Updated on 2024-09-30 GMT+08:00

Parsing Queries

GaussDB(DWS) provides functions to_tsquery and plainto_tsquery for converting a query to the tsquery data type. to_tsquery offers access to more features than plainto_tsquery, but is less forgiving about its input.

to_tsquery([ config regconfig, ] querytext text) returns tsquery

to_tsquery creates a tsquery value from querytext, which must consist of single tokens separated by the Boolean operators & (AND), | (OR), and ! (NOT). These operators can be grouped using parentheses.
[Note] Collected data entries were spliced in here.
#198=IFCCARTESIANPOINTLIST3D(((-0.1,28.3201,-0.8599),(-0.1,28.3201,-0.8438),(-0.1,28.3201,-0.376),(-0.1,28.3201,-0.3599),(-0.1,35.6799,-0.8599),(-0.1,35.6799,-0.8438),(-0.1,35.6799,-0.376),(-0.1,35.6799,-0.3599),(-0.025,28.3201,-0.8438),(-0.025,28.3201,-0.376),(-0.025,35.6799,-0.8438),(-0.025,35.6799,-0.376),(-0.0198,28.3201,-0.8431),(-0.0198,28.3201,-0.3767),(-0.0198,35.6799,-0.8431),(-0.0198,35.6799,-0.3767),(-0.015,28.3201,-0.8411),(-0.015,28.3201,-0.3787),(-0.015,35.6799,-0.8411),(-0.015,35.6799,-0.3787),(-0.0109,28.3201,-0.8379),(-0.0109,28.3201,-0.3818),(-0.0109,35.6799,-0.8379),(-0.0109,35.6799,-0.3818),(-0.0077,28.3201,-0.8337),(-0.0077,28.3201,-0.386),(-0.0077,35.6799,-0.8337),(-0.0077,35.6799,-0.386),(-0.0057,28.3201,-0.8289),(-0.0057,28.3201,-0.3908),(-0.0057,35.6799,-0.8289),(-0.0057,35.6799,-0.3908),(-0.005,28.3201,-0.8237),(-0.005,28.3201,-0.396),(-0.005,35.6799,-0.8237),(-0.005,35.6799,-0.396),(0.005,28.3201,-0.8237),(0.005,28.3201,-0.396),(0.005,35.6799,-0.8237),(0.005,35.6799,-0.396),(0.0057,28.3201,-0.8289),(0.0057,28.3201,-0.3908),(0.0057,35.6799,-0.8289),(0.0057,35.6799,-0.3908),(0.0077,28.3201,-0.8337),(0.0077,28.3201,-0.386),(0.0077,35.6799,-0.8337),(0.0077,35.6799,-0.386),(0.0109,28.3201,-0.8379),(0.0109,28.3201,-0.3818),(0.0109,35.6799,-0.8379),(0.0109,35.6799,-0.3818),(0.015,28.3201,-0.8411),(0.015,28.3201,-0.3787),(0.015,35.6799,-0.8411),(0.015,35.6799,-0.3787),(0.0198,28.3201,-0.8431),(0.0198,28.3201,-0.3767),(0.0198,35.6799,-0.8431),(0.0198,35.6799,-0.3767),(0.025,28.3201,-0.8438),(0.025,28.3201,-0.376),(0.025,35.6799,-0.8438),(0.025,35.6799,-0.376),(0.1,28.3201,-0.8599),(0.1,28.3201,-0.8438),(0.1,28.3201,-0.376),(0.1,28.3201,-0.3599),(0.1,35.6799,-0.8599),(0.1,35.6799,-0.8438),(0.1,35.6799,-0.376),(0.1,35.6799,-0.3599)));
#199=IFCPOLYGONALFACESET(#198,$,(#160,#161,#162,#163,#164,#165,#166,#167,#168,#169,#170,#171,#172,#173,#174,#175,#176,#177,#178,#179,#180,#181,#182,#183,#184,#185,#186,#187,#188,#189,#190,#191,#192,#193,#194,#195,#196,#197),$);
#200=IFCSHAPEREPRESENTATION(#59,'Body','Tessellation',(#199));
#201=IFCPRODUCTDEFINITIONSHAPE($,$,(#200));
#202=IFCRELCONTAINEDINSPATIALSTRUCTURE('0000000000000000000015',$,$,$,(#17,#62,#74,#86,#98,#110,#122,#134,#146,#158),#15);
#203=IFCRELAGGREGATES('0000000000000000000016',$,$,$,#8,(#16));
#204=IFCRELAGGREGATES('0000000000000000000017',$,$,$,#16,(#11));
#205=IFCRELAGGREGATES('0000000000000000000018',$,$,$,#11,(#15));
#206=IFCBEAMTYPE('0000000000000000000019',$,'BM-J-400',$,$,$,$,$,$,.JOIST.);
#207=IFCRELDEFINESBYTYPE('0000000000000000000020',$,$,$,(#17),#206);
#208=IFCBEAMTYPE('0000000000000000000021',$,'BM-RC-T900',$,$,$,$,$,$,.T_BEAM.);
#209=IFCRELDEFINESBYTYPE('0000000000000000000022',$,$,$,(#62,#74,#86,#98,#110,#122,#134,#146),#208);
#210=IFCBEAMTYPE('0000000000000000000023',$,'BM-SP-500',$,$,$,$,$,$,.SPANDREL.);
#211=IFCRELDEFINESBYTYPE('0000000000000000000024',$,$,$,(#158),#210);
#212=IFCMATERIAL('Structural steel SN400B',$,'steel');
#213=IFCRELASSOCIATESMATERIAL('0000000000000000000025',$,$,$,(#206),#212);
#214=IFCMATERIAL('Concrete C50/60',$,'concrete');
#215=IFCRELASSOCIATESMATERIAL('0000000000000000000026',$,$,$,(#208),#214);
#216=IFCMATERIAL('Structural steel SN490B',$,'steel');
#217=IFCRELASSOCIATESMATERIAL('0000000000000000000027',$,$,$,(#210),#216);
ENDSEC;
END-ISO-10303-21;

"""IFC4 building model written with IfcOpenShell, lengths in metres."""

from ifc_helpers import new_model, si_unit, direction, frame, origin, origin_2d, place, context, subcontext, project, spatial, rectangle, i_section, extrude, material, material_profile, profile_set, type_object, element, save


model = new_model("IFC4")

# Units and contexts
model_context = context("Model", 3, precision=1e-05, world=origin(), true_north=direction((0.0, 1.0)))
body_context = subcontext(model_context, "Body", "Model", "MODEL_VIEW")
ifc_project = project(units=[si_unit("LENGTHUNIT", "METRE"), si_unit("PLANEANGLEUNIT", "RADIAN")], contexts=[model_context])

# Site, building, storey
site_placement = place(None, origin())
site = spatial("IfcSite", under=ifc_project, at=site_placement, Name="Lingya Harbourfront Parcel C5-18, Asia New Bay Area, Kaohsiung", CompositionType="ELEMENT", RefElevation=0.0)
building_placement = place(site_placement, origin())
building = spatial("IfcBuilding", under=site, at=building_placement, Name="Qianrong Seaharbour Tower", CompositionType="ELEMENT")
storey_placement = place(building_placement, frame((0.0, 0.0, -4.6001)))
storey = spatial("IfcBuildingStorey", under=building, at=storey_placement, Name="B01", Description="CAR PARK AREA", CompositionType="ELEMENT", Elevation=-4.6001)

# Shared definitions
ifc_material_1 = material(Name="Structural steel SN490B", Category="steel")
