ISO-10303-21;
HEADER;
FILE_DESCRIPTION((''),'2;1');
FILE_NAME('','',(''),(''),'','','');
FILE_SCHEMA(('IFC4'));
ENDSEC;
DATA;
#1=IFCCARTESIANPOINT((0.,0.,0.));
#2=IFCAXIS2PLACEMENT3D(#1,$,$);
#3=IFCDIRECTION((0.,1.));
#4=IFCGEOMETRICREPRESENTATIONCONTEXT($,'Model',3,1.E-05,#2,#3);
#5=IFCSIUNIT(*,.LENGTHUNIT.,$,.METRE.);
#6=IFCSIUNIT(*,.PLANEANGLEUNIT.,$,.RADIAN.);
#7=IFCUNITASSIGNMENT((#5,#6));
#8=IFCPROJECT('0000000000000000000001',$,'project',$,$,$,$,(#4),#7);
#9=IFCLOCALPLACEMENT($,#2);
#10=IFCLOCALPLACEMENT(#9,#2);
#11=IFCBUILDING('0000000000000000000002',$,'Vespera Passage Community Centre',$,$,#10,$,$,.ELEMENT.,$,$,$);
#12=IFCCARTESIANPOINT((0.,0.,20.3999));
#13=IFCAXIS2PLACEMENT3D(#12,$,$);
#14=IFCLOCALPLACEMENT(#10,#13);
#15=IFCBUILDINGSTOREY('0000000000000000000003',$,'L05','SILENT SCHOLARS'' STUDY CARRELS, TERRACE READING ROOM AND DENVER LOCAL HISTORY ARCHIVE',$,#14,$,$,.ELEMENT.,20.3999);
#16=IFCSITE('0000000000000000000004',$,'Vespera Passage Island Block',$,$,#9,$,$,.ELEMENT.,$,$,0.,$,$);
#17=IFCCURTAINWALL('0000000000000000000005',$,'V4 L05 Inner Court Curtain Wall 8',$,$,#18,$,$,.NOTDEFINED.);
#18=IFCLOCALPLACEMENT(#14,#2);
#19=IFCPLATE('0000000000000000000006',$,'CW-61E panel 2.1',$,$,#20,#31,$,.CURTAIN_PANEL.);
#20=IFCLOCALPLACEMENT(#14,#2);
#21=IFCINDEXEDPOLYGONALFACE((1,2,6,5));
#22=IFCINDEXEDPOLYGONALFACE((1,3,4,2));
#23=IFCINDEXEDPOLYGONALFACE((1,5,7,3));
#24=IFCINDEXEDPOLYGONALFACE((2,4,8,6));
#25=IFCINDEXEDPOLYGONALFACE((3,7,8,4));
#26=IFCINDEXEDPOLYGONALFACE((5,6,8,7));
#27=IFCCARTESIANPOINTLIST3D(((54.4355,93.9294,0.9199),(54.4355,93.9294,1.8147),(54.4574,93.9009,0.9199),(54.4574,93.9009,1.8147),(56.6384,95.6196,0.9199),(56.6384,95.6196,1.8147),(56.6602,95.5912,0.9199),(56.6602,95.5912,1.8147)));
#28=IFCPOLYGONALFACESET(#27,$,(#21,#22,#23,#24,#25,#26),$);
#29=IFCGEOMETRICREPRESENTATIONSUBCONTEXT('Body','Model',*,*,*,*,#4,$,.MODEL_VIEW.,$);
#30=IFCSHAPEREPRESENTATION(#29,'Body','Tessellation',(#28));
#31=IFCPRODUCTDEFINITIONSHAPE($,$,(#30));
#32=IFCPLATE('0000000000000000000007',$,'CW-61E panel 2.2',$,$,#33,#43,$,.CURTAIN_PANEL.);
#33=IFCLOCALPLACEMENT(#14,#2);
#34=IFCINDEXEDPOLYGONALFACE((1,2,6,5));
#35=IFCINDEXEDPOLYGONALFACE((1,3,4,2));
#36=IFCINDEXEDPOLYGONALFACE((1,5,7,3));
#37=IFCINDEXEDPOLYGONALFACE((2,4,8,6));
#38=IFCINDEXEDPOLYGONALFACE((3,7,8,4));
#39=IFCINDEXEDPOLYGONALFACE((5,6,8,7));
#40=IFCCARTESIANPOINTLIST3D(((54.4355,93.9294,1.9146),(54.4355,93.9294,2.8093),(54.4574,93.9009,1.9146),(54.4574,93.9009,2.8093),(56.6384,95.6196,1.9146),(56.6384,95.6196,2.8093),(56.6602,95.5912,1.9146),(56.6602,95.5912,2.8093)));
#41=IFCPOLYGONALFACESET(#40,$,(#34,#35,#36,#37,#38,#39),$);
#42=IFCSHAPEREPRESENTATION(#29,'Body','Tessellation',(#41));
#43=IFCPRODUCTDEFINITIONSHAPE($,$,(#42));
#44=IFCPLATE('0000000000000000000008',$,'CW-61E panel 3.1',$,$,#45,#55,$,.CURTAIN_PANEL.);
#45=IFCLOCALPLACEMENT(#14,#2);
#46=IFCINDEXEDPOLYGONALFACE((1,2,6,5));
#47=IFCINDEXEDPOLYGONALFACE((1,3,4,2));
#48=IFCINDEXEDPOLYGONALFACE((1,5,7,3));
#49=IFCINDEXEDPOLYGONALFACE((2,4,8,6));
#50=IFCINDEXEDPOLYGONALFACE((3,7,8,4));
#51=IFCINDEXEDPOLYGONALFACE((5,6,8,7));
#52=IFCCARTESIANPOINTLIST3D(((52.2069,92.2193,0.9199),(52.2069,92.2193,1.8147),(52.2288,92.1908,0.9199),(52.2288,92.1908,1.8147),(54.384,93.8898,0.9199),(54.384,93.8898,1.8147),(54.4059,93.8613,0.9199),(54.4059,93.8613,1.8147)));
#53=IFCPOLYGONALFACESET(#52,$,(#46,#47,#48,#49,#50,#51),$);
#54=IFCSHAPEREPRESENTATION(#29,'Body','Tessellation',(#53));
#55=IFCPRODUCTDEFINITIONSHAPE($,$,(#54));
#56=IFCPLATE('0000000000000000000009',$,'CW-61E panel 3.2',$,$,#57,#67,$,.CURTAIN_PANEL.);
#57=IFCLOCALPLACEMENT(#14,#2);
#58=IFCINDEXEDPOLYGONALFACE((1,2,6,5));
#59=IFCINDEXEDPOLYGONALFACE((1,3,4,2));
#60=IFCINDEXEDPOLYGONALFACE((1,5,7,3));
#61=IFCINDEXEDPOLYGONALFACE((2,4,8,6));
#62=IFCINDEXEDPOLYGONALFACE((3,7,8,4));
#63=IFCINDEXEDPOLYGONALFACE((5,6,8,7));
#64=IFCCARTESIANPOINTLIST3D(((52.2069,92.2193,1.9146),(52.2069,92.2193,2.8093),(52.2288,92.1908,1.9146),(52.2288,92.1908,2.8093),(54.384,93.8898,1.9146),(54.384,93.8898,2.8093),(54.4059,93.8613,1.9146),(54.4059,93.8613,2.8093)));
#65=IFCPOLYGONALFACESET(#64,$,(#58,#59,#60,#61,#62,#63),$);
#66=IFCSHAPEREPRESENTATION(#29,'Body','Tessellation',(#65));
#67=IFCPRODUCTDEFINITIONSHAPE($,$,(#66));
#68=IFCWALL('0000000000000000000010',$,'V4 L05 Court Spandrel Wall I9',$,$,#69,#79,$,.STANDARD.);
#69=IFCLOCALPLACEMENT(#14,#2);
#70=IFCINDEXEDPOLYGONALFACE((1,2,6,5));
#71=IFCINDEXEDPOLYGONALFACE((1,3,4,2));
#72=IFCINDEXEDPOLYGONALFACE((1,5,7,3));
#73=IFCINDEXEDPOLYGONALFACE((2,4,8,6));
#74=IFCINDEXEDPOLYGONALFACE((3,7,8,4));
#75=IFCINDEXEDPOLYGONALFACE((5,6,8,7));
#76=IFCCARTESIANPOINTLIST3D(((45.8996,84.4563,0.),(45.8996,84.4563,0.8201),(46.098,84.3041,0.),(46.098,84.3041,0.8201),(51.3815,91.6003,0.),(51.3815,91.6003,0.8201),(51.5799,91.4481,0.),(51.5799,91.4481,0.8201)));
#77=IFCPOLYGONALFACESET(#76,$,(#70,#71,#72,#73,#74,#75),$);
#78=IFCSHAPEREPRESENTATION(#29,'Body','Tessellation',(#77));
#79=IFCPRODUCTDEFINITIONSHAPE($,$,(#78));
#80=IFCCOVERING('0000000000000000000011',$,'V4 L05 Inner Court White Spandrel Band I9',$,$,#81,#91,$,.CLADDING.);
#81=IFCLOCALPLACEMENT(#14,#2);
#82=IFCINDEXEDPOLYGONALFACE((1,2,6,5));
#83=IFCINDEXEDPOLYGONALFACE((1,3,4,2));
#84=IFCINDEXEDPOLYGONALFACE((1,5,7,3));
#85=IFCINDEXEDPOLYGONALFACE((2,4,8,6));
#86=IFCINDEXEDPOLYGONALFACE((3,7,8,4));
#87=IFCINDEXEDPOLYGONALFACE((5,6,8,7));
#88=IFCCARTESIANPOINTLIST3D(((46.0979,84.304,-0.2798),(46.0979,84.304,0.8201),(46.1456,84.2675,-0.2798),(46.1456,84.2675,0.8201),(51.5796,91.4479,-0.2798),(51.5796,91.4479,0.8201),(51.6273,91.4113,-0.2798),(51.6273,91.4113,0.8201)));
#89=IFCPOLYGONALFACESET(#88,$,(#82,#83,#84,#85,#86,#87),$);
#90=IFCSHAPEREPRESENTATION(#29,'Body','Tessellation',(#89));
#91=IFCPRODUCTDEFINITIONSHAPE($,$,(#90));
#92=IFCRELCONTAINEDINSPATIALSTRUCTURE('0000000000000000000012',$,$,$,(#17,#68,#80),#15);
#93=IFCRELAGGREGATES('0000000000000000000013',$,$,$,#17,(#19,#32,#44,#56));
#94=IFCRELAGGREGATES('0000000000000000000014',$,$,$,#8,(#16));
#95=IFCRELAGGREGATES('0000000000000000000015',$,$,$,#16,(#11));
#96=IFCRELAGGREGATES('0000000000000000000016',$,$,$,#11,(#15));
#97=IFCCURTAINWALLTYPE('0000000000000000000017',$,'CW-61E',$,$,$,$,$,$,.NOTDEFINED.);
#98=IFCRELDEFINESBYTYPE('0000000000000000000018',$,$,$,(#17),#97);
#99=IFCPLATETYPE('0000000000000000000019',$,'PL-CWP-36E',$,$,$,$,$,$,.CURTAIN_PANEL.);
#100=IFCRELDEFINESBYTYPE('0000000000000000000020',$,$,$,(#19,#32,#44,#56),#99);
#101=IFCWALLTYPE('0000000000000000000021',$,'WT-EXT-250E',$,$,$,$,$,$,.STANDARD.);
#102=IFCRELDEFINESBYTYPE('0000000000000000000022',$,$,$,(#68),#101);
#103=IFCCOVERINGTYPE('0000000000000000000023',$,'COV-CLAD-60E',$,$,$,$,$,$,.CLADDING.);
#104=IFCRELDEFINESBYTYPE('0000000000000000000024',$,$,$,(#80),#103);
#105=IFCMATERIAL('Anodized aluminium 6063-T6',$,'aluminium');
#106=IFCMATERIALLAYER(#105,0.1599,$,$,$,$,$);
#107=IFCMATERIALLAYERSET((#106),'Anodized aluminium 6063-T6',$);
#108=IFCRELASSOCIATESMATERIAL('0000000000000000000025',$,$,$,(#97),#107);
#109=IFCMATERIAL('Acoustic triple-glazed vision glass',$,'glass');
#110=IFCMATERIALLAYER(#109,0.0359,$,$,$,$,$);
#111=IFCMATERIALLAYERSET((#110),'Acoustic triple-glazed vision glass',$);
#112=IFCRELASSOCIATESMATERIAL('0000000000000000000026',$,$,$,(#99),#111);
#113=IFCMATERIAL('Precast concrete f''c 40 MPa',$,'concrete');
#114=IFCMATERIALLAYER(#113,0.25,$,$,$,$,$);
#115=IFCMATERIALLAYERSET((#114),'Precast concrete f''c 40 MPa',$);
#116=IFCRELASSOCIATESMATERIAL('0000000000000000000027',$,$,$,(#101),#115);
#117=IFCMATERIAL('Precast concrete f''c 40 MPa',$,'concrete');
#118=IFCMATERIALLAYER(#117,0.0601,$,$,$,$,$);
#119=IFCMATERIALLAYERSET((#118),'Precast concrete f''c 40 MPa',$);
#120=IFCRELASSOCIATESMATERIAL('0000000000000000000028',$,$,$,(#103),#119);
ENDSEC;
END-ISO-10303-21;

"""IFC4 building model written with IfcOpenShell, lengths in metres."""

from ifc_helpers import new_model, si_unit, direction, frame, frame_2d, origin, origin_2d, place, context, subcontext, project, spatial, rectangle, extrude, material, layer, layer_set, type_object, element, aggregate, save


model = new_model("IFC4")

# Units and contexts
model_context = context("Model", 3, precision=1e-05, world=origin(), true_north=direction((0.0, 1.0)))
body_context = subcontext(model_context, "Body", "Model", "MODEL_VIEW")
ifc_project = project(units=[si_unit("LENGTHUNIT", "METRE"), si_unit("PLANEANGLEUNIT", "RADIAN")], contexts=[model_context])

# Site, building, storey
site_placement = place(None, origin())
site = spatial("IfcSite", under=ifc_project, at=site_placement, Name="Vespera Passage Island Block", CompositionType="ELEMENT", RefElevation=0.0)
building_placement = place(site_placement, origin())
building = spatial("IfcBuilding", under=site, at=building_placement, Name="Vespera Passage Community Centre", CompositionType="ELEMENT")
storey_placement = place(building_placement, frame((0.0, 0.0, 20.3999)))
storey = spatial("IfcBuildingStorey", under=building, at=storey_placement, Name="L05", Description="SILENT SCHOLARS' STUDY CARRELS, TERRACE READING ROOM AND DENVER LOCAL HISTORY ARCHIVE", CompositionType="ELEMENT", Elevation=20.3999)

# Curtain wall
ifc_material_1 = material(Name="Anodized aluminium 6063-T6", Category="aluminium")
ifc_layer_1 = layer(ifc_material_1, 0.1599)
ifc_layer_set_1 = layer_set([ifc_layer_1], Name="Anodized aluminium 6063-T6")
curtain_wall_type_1 = type_object("IfcCurtainWallType", Name="CW-61E", PredefinedType="NOTDEFINED", material=ifc_layer_set_1)
curtain_wall_1_placement = place(storey_placement, origin())
curtain_wall_1 = element("IfcCurtainWall", 1, at=curtain_wall_1_placement, inside=storey, type_object=curtain_wall_type_1, Name="V4 L05 Inner Court Curtain Wall 8", PredefinedType="NOTDEFINED")

# Plates
ifc_material_2 = material(Name="Acoustic triple-glazed vision glass", Category="glass")
ifc_layer_2 = layer(ifc_material_2, 0.0359)
ifc_layer_set_2 = layer_set([ifc_layer_2], Name="Acoustic triple-glazed vision glass")
plate_type_1 = type_object("IfcPlateType", Name="PL-CWP-36E", PredefinedType="CURTAIN_PANEL", material=ifc_layer_set_2)
plate_1_placement = place(storey_placement, frame((55.5479, 94.7603, 0.9199), z_axis=(0.0, 0.0, 1.0), x_axis=(-0.793358, -0.608755, 0.0)))
plate_1 = element("IfcPlate", 2, at=plate_1_placement, type_object=plate_type_1, Name="CW-61E panel 2.1", PredefinedType="CURTAIN_PANEL", context=body_context, shape_type="SweptSolid", body=[
    extrude(rectangle(XDim=2.7766, YDim=0.0359, at=origin_2d()), origin(), (0.0, 0.0, 1.0), 0.8948),
])
plate_2_placement = place(storey_placement, frame((55.5479, 94.7603, 1.9146), z_axis=(0.0, 0.0, 1.0), x_axis=(-0.793358, -0.608755, 0.0)))
plate_2 = element("IfcPlate", 3, at=plate_2_placement, type_object=plate_type_1, Name="CW-61E panel 2.2", PredefinedType="CURTAIN_PANEL", context=body_context, shape_type="SweptSolid", body=[
    extrude(rectangle(XDim=2.7766, YDim=0.0359, at=origin_2d()), origin(), (0.0, 0.0, 1.0), 0.8948),
])
plate_3_placement = place(storey_placement, frame((53.3064, 93.0403, 0.9199), z_axis=(0.0, 0.0, 1.0), x_axis=(-0.793358, -0.608755, 0.0)))
plate_3 = element("IfcPlate", 4, at=plate_3_placement, type_object=plate_type_1, Name="CW-61E panel 3.1", PredefinedType="CURTAIN_PANEL", context=body_context, shape_type="SweptSolid", body=[
    extrude(rectangle(XDim=2.7441, YDim=0.0359, at=origin_2d()), origin(), (0.0, 0.0, 1.0), 0.8948),
])
plate_4_placement = place(storey_placement, frame((53.3064, 93.0403, 1.9146), z_axis=(0.0, 0.0, 1.0), x_axis=(-0.793358, -0.608755, 0.0)))
plate_4 = element("IfcPlate", 5, at=plate_4_placement, type_object=plate_type_1, Name="CW-61E panel 3.2", PredefinedType="CURTAIN_PANEL", context=body_context, shape_type="SweptSolid", body=[
    extrude(rectangle(XDim=2.7441, YDim=0.0359, at=origin_2d()), origin(), (0.0, 0.0, 1.0), 0.8948),
])
aggregate(curtain_wall_1, [plate_1, plate_2, plate_3, plate_4])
In other words, the input to to_tsquery must already follow the general rules for tsquery input, as described in Text Search Types. The difference is that while basic tsquery input takes the tokens at face value, to_tsquery normalizes each token to a lexeme using the specified or default configuration, and discards any tokens that are stop words according to the configuration. For example:

1
2
3
4
5
SELECT to_tsquery('english', 'The & Fat & Rats');
   to_tsquery   
---------------
 'fat' & 'rat'
(1 row)

As in basic tsquery input, weight(s) can be attached to each lexeme to restrict it to match only tsvector lexemes of those weight(s). For example:

1
2
3
4
5
SELECT to_tsquery('english', 'Fat | Rats:AB');
    to_tsquery    
------------------
 'fat' | 'rat':AB
(1 row)

Also, the asterisk (*) can be attached to a lexeme to specify prefix matching:

1
2
3
4
5
SELECT to_tsquery('supern:*A & star:A*B');
        to_tsquery        
--------------------------
 'supern':*A & 'star':*AB
(1 row)

Such a lexeme will match any word having the specified string and weight in a tsquery.

plainto_tsquery([ config regconfig, ] querytext text) returns tsquery

plainto_tsquery transforms unformatted text querytext to tsquery. The text is parsed and normalized much as for to_tsvector, then the & (AND) Boolean operator is inserted between surviving words.

For example:

1
2
3
4
5
SELECT plainto_tsquery('english', 'The Fat Rats');
 plainto_tsquery 
-----------------
 'fat' & 'rat'
(1 row)

Note that plainto_tsquery cannot recognize Boolean operators, weight labels, or prefix-match labels in its input:

1
2
3
4
5
SELECT plainto_tsquery('english', 'The Fat & Rats:C');
   plainto_tsquery   
---------------------
 'fat' & 'rat' & 'c'
(1 row)

Here, all the input punctuation was discarded as being space symbols.